This has been developed on a way which allows the Neural Network to be implemented as a Python class (DetectionNetwork()), which can be extracted from the component and used to load and use any kind of model, and even handle real-time and on-demand detection, via the thread (ThreadNetwork()). This can have really useful applications, some of which will be developed soon!

Object Detector working

Getting started

To get this component to work, you will need to install JdeRobot, Python (2.7 for the moment, due to ROS compatibility), and a few Python packages, installable via python-pip. See the Requirements for more details.

Clone this repository, and you are ready to go!

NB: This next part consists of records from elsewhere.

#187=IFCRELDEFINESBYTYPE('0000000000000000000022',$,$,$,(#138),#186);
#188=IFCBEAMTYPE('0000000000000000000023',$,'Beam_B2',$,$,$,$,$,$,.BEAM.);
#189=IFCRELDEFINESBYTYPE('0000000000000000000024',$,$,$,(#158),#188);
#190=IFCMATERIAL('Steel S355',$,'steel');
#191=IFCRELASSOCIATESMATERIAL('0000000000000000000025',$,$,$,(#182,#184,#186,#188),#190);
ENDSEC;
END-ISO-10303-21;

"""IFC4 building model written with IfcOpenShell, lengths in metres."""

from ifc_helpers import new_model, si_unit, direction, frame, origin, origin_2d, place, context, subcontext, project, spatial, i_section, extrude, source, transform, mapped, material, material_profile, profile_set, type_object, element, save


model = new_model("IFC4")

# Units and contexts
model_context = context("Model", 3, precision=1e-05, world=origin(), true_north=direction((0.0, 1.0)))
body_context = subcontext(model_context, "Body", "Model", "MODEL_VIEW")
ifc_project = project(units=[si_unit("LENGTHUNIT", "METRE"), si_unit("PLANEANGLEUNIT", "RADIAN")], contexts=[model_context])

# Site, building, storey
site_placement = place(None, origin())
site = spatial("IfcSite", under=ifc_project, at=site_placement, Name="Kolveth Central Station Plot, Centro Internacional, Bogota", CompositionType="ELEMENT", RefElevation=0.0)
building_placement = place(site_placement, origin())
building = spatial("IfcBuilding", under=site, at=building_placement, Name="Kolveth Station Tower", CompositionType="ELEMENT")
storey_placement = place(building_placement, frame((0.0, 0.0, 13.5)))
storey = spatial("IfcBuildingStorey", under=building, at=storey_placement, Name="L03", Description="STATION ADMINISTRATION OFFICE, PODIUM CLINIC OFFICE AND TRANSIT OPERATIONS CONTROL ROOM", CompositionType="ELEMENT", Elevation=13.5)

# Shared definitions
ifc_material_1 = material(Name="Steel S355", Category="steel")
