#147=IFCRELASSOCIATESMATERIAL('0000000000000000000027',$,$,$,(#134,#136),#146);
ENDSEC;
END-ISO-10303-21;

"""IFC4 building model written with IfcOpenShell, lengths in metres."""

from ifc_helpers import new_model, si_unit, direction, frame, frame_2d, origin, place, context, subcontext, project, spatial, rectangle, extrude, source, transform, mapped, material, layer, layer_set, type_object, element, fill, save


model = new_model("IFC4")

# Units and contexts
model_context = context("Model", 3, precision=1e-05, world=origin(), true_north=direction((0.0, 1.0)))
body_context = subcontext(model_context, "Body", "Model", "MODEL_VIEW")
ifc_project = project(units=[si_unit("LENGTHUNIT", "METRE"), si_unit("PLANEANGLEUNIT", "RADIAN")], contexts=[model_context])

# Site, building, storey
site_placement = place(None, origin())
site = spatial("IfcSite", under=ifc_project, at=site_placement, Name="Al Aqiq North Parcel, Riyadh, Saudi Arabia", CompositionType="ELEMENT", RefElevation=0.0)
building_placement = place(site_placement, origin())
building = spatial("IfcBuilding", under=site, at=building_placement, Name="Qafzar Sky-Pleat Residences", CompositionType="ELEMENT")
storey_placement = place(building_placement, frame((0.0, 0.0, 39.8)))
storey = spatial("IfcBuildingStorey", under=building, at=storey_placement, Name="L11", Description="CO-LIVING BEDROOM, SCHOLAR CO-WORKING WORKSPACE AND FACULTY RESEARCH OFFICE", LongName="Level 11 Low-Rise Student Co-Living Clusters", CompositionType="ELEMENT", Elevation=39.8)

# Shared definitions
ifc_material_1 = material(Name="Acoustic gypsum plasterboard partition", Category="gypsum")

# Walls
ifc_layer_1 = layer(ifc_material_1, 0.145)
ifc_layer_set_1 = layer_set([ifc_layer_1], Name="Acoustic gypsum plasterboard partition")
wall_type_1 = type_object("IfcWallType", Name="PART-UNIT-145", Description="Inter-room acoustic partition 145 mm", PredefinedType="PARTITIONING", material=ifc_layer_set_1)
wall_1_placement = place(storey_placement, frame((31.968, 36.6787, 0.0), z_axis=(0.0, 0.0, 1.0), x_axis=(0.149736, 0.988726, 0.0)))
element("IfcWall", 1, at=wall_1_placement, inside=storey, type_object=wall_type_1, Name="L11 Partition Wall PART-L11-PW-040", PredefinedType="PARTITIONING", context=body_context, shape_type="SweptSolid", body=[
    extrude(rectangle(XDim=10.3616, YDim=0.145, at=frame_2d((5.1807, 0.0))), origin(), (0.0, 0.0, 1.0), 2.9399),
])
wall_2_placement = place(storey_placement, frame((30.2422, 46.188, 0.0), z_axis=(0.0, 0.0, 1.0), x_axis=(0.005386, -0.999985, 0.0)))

git clone https://github.com/JdeRobot/dl-objectdetector.git && cd dl-objectdetector

Requirements

JdeRobot and ROS are only necessary if you use ROS/ICE video streams. You can run the component with a local webcam/video file (setting up the YML configuration file), with __no need to install ROS__

* JdeRobot ([installation guide](http://jderobot.org/Installation)). * Python 2.7: `sudo apt install python2` * Python packages (TensorFlow, Keras, etc.). One-click installing via ``pip``, using the `requirements.txt` file (`pip2 install -r requirements.txt`). * Protobuf installation: the TensorFlow version of this component relies on `protobufs` to configure model parameters, so the Protobuf libraries must be compiled before using the component ([it's a single command 😉](https://github.com/tensorflow/models/blob/master/research/object_detection/g3doc/installation.md#protobuf-compilation)).

More dependencies might be installed automatically with the packages mentioned above. Additionally you might require to install some other dependencies. We have prepared a requirements.txt file, which you can run using pip install -r requirements.txt

How to Use

For a video stream (ICE/ROS):

Open a terminal and type camserver camserver.cfg. This will start the camserver (old cameraserver) component, which will serve a specified video or the webcam image through an ICE proxy. You can learn more about this JdeRobot component here. Besides, you are able to create a ROS topic (with a driver) and process the images incoming from a drone: the implemented comm library can also handle this.

You will have to specify this in the YML configuration file, and set the YML node Source: Stream

For a local camera/video file (OpenCV):

Just type into the YML configuration file which device/file you want to use, and set the YML node Source: Local for a webcam or Source: Video for a video file.


In another terminal type python2 objectdetector.py objectdetector.yml

This will start the component, driven by the configuration parsed from the YML file (camera endpoint/topic, desired framework, model parameters).

Framework choice

The objectdetector.yml configuration file allows you to choose which of the available frameworks (Keras, TensorFlow) you want to deploy on the component (you can discover which one is selected on a running instance on the window title).

Also, you will have to specify the model which you want to load. There is a model already included for each framework (extract the model.zip present on the Net/{TensorFlow, Keras} directory). The field Network.Model on the YML file musts contain the filename for the model:

  • TensorFlow: It requires a .pb file, which contains a frozen instance of a tf.Graph structure (neural units weights included). A lot of models are included on the TensorFlow model zoo, available for download (choose those which output boxes. We have succesfully tried SSD and RCNN detectors). As said, you will have to extract the .pb file from the .tar.gz downloaded file on the Net/TensorFlow directory, and then specify the filename on the YML file.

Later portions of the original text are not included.